Les auteurs ont également évalué la conductivité électrique et la concentration en chlorures afin de déterminer les nappes aptes à l’adduction en eau potable. Les aquifères de Témara, du Rif, de la Moulouya, de Guelmim, du Haouz et d’Errachidia nécessitent un suivi attentif pour limiter les risques sanitaires.


Les rivières et barrages sous pression

Les eaux de surface ne sont pas épargnées. Entre 2018 et 2020, les analyses montrent que 63 % des stations de mesure des rivières affichent une qualité modérée, mais 37 % présentent une pollution notable, notamment en aval des rejets domestiques et industriels. Les bassins du Sebou et du Bouregreg sont particulièrement touchés, avec des niveaux élevés de demande biochimique en oxygène (DBO), de DCO, de nitrates et de coliformes fécaux. Cette situation résulte de la combinaison de l’urbanisation, de l’agriculture intensive et des activités industrielles.


Pollution des barrages et des rivières. Source : Les ressources en eau marocaines sous pression : Défis de la qualité des eaux souterraines et de la contamination par les nitrates : Meryem Miftah, Yassine Ait Brahim, Mohammed Hssaisoune, Ayoub Ayaou, Hamza Berrouch, Lhoussaine Bouchaou, Journal of Hydrology : Regional Studies, Elsevier, Octobre 2025Pollution des barrages et des rivières. Source : Les ressources en eau marocaines sous pression : Défis de la qualité des eaux souterraines et de la contamination par les nitrates : Meryem Miftah, Yassine Ait Brahim, Mohammed Hssaisoune, Ayoub Ayaou, Hamza Berrouch, Lhoussaine Bouchaou, Journal of Hydrology : Regional Studies, Elsevier, Octobre 2025


En revanche, les eaux des barrages présentent un bilan globalement plus positif : 78 % affichent une qualité excellente à bonne.

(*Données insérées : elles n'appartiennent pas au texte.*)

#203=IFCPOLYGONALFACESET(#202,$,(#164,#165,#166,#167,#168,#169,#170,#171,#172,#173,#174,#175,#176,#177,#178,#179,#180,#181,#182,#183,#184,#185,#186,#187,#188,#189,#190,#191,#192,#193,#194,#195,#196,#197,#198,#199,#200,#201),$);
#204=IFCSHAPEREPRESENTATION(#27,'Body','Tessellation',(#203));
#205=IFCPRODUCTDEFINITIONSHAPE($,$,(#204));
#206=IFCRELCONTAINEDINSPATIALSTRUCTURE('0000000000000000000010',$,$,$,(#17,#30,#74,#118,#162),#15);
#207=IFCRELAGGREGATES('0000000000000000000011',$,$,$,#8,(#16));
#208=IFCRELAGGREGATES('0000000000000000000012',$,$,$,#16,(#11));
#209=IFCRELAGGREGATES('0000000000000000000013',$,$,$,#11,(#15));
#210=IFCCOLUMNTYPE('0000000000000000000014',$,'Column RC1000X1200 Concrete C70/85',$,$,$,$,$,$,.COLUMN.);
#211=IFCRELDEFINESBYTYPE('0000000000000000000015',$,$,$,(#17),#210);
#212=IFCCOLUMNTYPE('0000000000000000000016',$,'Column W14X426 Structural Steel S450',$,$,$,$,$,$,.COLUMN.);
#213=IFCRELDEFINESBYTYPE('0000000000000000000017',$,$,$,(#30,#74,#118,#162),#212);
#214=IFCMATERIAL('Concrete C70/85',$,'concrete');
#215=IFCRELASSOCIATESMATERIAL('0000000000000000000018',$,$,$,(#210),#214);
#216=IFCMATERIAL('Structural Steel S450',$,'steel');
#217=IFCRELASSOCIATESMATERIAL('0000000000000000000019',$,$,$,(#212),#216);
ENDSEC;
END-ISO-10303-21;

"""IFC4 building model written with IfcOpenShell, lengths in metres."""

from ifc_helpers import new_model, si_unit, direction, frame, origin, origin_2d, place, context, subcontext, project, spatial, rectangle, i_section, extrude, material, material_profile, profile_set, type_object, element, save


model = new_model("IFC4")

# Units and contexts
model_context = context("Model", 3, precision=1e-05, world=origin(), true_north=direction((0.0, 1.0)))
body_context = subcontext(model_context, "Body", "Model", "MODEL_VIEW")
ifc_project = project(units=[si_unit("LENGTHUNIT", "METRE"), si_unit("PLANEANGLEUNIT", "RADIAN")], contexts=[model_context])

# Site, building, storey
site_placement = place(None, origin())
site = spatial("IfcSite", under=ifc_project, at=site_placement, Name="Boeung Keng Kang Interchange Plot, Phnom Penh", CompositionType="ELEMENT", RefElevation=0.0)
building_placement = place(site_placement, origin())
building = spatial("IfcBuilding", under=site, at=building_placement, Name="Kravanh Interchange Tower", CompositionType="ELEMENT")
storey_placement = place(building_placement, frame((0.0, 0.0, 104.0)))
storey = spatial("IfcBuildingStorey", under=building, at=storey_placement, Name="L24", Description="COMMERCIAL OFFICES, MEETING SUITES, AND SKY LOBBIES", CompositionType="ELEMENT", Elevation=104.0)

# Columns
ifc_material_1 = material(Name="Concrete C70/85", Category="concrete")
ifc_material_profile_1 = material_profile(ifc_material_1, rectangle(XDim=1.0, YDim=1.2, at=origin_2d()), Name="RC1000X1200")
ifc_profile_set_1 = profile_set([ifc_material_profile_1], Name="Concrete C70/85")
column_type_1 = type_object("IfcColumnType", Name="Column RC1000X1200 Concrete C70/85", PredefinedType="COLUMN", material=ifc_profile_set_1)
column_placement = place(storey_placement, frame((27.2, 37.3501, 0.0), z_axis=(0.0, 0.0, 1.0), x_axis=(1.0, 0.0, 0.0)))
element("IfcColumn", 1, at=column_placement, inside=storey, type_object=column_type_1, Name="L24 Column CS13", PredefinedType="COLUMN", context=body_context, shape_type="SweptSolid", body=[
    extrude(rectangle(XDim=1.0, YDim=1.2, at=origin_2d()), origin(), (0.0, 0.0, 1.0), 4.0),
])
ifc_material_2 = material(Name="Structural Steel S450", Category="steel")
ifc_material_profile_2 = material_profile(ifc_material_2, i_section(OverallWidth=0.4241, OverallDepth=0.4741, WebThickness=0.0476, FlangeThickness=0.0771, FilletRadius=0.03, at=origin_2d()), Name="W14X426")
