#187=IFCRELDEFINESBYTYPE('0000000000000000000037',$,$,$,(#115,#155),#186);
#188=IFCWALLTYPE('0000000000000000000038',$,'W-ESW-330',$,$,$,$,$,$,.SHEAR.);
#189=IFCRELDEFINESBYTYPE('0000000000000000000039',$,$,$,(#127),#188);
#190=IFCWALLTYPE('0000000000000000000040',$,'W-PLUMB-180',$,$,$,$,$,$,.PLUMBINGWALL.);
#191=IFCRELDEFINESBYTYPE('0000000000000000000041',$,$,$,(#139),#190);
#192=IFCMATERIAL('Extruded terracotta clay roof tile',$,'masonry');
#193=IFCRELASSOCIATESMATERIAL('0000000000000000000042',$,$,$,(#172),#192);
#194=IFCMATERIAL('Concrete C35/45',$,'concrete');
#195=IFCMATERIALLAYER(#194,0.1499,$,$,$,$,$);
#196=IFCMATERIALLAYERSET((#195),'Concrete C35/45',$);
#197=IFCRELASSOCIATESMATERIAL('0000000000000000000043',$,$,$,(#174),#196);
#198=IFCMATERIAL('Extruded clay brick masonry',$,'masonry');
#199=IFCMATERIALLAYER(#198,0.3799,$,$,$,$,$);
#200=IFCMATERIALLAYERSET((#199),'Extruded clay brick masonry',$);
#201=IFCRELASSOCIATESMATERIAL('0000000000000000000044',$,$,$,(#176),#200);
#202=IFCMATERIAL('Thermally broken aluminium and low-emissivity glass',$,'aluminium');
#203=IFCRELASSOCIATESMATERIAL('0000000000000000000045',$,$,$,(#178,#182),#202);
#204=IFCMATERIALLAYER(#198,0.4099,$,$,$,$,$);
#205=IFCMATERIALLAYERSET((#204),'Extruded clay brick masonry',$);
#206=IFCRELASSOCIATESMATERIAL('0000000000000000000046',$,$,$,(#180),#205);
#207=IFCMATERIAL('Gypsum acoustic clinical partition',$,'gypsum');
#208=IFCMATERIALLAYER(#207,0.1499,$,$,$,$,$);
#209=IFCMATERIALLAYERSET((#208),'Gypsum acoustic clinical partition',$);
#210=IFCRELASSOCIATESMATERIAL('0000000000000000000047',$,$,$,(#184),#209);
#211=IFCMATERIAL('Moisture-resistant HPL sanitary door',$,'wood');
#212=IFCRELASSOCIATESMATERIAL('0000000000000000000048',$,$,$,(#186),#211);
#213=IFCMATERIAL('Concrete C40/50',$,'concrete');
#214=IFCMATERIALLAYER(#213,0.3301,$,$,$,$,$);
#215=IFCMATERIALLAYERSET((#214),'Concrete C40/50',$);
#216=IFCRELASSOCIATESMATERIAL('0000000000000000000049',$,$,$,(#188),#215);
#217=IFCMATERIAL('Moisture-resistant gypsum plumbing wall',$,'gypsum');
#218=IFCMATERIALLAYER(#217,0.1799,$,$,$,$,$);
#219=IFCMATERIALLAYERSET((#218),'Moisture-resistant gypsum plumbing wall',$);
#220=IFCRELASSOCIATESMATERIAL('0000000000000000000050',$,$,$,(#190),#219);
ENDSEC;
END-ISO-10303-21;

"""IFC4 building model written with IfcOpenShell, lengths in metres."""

Toutefois, des exceptions subsistent : le barrage d’El Kansara (Sebou) et ceux de Himmer, Kreima et Zamrine (Bouregreg) montrent une qualité médiocre, marquée par des déficits en oxygène dissous et une prolifération d’algues, signes d’eutrophisation causée par les ruissellements agricoles et les rejets de fosses septiques.


Face à ce diagnostic, les auteurs plaident pour une gestion intégrée et proactive : réduction de l’usage d’engrais, mise à niveau des stations d’épuration, surveillance isotopique pour identifier précisément les sources de pollution, et protection des zones de recharge des nappes. Sans intervention rapide, préviennent-ils, la dégradation continue des ressources en eau pourrait compromettre à la fois la santé publique, la sécurité alimentaire et la viabilité de l’agriculture irriguée au Maroc.